Ele disse que a premiação foi uma “grande surpresa”, pois pesquisadores de todo o Brasil submeteram diversos trabalhos. “O Prêmio Celso Furtado de Desenvolvimento Regional é caracterizado por ter uma ampla concorrência. Por isso, não tinha expectativas em ser agraciado com esse prêmio do Ministério da Integração”, declara.

No resumo da tese, onde o mestre fala que “contudo, existe ainda um esquecimento do rico patrimônio cultural dos amazônidas”, ele explica que o patrimônio histórico-cultural das populações amazônicas, a riqueza das relações socioculturais, elementos indissociáveis do ser humano, muitas vezes, são esquecidos ou deslocados no discurso das ONGs; dessa forma, ao enfatizar o sentido de que a região é um patrimônio puramente natural, as riquezas históricas e culturais são suprimidas”. Nota-se, por exemplo, diz o professor, “que os indígenas são projetados nos textos analisados com representações habituais, rostos caracterizados, fenótipos e adereços. Essa visão estereotipada é recorrente em vários textos que se predispõe a reforçar a imagem pueril do índio”.
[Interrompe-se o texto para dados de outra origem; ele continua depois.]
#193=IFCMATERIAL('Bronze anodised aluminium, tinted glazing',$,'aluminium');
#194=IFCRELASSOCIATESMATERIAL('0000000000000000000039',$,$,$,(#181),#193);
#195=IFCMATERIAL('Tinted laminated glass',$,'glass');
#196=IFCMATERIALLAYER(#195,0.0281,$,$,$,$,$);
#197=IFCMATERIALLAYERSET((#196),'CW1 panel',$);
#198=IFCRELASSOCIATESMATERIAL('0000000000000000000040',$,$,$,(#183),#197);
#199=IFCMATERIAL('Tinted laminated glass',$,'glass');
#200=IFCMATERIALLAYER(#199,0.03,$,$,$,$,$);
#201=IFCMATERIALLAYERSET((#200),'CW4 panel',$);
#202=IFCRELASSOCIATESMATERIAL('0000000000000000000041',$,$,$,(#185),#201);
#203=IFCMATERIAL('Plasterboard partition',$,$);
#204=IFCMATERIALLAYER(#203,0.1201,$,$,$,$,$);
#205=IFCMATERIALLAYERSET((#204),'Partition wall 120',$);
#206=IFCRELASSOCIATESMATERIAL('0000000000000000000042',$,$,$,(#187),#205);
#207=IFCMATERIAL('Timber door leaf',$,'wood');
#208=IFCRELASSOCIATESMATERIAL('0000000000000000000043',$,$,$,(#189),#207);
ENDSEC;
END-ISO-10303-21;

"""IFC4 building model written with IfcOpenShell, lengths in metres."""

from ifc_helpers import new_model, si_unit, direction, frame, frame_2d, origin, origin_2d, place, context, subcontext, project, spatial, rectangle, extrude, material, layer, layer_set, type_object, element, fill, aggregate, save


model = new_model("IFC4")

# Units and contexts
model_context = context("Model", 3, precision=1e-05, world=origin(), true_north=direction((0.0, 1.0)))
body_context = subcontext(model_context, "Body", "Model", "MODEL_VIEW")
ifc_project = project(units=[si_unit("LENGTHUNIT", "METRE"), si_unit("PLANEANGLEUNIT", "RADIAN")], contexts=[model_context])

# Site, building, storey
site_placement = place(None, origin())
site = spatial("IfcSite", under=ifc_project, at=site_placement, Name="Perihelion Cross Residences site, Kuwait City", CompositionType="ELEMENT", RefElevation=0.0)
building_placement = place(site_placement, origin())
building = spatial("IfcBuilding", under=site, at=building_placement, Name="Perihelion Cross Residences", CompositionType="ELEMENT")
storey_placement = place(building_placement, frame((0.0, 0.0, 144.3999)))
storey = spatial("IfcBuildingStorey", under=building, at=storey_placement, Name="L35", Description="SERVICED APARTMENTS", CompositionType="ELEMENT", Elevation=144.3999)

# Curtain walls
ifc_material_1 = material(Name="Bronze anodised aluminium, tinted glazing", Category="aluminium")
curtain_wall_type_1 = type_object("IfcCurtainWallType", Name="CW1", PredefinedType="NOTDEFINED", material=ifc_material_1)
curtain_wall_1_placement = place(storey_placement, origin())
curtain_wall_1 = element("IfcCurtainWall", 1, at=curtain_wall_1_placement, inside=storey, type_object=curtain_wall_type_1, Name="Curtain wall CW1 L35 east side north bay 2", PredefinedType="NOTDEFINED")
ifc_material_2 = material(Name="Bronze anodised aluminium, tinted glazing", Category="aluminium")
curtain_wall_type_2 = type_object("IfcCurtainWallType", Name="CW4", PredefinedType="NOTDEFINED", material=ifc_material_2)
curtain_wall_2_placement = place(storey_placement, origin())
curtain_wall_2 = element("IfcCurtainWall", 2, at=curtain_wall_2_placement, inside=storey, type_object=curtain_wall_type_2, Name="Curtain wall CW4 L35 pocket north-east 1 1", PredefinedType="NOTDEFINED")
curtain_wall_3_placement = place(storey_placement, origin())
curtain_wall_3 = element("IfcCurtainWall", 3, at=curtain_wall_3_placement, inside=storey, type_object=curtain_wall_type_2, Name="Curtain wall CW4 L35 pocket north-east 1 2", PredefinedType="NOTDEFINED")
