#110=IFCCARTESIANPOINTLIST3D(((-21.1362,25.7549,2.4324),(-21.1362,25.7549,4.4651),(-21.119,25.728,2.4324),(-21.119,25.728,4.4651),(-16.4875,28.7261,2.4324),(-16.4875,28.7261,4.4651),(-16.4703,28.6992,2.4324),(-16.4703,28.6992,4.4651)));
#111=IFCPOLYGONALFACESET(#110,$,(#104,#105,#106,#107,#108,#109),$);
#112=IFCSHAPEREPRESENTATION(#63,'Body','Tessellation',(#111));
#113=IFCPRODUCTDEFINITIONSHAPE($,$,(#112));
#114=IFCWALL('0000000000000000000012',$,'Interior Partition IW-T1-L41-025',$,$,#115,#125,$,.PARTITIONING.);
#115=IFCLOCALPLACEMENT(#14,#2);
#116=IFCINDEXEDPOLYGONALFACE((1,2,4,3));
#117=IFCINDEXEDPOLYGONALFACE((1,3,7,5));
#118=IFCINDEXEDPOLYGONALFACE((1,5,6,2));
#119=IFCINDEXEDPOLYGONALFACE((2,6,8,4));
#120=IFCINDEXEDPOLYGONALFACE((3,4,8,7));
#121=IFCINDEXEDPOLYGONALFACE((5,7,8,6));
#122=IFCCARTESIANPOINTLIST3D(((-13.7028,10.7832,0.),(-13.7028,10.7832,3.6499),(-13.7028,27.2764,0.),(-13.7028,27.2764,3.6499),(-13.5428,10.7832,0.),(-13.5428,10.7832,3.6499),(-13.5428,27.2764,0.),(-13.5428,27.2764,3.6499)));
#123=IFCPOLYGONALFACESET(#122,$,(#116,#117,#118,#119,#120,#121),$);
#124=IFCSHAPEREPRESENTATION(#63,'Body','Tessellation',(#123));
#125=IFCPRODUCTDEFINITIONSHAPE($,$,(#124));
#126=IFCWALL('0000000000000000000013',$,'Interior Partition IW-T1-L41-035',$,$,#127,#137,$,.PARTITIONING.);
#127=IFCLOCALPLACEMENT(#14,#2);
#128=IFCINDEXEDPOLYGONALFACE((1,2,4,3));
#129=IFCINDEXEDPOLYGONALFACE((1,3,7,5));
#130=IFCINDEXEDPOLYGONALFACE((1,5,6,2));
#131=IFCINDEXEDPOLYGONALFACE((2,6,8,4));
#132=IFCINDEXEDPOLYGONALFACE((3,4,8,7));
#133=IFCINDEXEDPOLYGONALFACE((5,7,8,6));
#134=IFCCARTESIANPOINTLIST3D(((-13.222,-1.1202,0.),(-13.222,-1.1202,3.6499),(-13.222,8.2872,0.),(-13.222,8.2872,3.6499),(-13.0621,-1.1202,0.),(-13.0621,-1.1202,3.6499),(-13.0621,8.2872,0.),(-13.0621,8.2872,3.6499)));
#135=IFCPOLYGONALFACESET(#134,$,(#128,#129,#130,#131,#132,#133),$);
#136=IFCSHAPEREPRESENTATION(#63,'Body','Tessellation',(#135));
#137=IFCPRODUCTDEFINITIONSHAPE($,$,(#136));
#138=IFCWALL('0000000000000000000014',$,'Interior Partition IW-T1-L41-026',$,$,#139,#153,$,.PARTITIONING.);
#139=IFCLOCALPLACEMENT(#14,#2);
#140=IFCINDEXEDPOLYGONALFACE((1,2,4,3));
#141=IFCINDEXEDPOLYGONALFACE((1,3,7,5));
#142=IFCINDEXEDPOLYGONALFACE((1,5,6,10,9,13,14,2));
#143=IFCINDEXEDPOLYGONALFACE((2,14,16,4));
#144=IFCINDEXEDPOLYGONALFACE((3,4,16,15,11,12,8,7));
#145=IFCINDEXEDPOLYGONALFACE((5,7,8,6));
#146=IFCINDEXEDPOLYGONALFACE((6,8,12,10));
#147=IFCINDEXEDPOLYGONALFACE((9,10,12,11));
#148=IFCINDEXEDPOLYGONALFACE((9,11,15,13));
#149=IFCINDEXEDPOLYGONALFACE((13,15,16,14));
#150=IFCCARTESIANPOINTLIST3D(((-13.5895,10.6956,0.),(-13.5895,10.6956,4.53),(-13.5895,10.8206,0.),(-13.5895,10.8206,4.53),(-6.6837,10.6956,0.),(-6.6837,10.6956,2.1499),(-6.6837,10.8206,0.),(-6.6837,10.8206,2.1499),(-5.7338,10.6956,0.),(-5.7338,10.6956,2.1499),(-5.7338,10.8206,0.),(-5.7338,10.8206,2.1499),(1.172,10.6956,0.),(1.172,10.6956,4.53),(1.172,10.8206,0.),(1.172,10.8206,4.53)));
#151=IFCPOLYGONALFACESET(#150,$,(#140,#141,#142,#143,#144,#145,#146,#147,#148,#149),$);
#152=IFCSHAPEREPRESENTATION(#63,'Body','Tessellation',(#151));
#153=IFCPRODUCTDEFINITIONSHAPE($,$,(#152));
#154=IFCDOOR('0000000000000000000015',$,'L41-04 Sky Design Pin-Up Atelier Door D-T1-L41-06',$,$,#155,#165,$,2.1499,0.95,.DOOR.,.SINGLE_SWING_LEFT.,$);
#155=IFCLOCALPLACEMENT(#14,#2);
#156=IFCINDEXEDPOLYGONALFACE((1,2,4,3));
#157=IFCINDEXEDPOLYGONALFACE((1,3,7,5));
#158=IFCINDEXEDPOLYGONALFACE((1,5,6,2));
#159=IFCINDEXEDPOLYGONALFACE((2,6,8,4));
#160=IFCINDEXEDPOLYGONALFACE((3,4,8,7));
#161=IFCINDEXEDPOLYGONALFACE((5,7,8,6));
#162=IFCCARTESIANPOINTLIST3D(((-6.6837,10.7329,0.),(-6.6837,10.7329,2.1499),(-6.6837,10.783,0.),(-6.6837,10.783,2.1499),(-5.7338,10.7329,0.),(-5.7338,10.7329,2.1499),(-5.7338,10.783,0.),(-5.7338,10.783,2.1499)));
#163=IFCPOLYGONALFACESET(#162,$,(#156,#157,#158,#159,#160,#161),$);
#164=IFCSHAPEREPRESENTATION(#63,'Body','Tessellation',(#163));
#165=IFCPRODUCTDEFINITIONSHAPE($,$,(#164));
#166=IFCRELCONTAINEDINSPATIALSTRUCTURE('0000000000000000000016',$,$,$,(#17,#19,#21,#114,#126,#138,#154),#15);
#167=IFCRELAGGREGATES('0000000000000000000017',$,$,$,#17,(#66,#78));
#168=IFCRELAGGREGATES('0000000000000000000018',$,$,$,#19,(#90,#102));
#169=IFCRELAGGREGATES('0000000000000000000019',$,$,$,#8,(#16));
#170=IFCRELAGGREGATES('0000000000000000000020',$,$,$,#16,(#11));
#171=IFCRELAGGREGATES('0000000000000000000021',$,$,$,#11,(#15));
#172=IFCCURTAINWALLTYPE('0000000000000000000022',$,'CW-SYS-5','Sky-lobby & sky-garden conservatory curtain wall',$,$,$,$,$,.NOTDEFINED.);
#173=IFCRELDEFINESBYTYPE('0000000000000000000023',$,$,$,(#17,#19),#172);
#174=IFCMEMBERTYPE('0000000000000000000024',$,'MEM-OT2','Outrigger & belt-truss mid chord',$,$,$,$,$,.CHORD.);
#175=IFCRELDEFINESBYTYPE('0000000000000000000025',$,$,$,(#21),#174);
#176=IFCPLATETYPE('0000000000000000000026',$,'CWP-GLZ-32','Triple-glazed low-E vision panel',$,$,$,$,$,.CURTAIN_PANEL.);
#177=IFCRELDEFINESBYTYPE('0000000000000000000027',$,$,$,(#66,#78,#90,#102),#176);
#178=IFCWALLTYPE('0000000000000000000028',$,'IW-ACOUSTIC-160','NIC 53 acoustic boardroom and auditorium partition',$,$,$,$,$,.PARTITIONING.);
‘Sustentabilidade amazônica deve basear-se em uma visão complexa-integralizada’

Ao ser perguntado se a sustentabilidade na Amazônia é tratada como merece ser ou o que falta, o professor Jonas Júnior defendeu que a sustentabilidade amazônica deve basear-se em uma visão complexa-integralizada, não sendo possível conceber uma noção de sustentabilidade que separa discursivamente homem-natureza.
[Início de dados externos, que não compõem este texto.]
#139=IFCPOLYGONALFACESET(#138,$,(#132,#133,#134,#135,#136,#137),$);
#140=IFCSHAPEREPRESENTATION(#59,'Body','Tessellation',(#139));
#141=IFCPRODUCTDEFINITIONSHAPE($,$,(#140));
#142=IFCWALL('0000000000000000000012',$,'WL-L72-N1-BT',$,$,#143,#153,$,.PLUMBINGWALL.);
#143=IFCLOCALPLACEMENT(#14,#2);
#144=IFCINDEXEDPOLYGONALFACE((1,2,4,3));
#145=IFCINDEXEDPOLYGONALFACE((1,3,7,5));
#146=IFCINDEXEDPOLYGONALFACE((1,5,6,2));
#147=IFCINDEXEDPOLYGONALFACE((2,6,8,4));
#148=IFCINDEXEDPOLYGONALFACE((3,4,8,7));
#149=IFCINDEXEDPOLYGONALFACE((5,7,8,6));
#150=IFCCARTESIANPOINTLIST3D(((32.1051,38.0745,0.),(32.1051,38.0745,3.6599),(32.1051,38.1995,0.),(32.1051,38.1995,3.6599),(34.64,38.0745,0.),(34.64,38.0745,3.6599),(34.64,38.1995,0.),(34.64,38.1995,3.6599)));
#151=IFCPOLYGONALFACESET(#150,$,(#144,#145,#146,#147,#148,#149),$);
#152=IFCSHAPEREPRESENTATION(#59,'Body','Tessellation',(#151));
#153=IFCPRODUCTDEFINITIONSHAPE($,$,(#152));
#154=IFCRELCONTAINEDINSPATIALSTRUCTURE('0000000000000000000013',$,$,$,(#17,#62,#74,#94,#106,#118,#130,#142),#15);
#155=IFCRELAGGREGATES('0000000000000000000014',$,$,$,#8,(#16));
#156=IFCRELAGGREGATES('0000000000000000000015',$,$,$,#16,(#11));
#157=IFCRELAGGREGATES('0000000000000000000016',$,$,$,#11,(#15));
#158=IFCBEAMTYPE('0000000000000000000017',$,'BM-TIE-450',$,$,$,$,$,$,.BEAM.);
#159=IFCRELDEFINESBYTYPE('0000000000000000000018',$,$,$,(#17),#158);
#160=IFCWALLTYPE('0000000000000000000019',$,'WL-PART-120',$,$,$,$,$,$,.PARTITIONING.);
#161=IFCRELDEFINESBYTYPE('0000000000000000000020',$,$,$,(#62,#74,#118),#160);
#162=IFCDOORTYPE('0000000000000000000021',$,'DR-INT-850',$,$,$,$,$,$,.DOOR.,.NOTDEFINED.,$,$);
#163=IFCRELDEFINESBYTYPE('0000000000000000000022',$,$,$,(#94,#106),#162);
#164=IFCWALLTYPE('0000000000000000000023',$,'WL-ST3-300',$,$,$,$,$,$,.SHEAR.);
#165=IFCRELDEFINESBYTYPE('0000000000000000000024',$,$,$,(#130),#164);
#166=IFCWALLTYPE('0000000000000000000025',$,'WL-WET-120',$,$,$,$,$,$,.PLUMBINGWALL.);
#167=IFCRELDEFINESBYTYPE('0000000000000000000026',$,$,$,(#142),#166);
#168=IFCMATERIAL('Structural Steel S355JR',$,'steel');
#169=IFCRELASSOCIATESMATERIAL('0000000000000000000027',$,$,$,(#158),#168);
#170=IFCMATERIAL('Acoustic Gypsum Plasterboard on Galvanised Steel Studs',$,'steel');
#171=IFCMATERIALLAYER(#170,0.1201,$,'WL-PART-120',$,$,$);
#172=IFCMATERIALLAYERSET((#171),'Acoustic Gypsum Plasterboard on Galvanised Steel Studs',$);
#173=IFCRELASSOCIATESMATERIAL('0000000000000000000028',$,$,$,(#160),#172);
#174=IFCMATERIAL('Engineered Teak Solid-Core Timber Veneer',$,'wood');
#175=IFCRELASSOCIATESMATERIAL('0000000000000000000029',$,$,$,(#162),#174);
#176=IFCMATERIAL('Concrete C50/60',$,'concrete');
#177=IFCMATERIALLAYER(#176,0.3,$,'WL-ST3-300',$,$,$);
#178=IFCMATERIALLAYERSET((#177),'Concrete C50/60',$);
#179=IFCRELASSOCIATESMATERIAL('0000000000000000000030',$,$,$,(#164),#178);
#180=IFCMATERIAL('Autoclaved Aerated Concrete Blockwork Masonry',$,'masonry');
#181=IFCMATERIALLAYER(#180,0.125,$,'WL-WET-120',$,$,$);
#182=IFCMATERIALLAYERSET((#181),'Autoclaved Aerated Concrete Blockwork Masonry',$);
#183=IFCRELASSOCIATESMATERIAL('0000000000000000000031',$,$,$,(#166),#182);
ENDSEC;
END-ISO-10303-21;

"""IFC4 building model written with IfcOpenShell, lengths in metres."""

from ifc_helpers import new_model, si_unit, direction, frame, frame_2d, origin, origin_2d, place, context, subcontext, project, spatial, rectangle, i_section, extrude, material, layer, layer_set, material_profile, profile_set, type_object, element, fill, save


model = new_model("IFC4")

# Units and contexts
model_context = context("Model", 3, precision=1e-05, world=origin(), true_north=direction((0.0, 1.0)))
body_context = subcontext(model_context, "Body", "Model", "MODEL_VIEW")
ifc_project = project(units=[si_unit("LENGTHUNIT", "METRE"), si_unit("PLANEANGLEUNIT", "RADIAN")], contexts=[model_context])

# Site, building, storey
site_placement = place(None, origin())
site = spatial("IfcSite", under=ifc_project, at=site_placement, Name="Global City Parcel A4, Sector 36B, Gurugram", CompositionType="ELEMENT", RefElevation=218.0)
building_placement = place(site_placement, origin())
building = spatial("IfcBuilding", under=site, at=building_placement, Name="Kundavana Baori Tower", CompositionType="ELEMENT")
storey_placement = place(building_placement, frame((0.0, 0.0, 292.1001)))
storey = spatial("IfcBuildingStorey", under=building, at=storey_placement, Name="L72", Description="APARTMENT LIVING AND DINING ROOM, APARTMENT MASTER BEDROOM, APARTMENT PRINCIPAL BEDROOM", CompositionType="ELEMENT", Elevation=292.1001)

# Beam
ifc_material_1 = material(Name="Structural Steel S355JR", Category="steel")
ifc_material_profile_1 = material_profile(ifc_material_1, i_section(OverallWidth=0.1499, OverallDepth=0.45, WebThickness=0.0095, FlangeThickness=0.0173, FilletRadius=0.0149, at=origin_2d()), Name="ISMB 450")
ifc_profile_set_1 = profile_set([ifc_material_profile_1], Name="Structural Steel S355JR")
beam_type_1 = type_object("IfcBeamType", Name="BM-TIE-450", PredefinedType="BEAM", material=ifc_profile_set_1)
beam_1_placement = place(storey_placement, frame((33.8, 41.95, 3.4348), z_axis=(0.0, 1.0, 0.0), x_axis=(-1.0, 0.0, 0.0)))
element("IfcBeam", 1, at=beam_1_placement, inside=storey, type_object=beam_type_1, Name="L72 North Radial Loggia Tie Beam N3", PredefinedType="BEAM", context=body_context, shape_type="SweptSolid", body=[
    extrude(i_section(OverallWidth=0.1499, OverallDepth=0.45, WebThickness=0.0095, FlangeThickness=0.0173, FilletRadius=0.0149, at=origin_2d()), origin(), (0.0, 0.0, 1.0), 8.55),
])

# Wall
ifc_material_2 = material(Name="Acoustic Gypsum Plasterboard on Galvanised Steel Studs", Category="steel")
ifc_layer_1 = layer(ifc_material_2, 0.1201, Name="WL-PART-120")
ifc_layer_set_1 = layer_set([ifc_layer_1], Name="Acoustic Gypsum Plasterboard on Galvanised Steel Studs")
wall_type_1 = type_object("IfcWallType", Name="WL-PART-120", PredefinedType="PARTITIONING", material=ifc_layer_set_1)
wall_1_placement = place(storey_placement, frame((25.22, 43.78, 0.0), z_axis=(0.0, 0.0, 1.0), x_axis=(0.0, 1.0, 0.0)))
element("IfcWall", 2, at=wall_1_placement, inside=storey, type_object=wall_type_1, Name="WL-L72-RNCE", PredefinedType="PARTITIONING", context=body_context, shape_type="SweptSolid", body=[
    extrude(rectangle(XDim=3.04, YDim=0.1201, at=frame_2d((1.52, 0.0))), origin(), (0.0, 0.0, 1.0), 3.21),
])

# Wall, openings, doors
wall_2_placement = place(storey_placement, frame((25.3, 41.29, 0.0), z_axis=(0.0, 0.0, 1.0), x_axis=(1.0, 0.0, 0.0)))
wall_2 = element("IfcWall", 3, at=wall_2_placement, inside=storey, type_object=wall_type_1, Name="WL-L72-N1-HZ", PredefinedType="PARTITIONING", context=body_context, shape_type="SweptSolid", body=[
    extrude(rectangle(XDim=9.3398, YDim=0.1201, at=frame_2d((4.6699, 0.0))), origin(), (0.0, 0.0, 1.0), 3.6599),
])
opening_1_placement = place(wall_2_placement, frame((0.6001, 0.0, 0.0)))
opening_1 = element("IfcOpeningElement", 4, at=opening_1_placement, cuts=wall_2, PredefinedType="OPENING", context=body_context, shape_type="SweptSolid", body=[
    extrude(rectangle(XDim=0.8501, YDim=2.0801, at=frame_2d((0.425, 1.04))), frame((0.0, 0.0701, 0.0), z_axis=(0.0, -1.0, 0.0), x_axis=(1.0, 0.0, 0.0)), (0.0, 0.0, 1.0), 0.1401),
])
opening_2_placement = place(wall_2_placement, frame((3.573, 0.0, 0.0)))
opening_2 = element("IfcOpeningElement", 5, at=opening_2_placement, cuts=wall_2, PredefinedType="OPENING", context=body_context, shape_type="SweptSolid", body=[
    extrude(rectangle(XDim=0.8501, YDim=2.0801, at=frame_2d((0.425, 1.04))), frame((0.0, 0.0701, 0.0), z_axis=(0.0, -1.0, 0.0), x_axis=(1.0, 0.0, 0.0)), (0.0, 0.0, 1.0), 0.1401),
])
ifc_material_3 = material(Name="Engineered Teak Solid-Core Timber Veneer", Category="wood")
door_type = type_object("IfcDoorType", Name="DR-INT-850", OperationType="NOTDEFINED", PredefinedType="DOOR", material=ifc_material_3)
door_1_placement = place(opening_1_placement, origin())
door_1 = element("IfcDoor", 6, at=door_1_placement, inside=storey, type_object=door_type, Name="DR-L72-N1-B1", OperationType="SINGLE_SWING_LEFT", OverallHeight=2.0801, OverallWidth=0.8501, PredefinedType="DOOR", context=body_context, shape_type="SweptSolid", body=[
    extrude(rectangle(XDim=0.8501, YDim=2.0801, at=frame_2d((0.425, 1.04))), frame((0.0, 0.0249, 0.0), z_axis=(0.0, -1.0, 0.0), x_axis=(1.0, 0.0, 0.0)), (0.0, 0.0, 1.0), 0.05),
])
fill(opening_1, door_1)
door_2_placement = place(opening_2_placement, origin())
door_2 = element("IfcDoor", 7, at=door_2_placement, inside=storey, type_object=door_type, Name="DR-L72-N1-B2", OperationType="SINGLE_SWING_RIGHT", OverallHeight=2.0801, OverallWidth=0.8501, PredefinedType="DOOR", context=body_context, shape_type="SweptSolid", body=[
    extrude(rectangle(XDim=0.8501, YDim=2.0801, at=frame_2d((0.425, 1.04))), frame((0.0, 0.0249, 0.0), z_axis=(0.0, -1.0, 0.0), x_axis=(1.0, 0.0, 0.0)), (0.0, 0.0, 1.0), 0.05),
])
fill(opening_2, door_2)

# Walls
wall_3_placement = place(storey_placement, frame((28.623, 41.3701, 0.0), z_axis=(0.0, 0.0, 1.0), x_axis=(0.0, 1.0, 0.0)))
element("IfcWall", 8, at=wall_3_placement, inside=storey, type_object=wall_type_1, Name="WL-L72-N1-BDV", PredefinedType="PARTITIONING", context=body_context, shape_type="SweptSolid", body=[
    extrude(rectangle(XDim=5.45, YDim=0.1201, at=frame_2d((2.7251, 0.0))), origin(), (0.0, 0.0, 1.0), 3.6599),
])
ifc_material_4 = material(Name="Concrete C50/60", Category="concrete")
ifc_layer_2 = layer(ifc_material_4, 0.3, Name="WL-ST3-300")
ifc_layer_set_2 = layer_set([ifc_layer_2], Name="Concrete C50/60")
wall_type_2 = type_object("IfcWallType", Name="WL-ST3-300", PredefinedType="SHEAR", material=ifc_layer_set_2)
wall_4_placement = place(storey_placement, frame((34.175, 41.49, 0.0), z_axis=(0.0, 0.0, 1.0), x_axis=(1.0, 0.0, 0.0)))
“A floresta amazônica é também sociedade-natureza–cultura. Sem este olhar complexo, a perspectiva da sustentabilidade amazônica, adotada pelo poder público e ONGs, permanecerá apenas um discurso esteticamente admirável, mas com implicações práticas redundantes. Um projeto de sustentabilidade amazônica deve necessariamente conjugar mudança na relação homem-natureza, alfabetização ecológica, mobilização para transformação, programas que levem em conta as populações tradicionais, integração entre ciência, tecnologia e conhecimentos tradicionais, gestão eficaz e eficiente de recursos e modelos que coloquem em evidência o ser humano.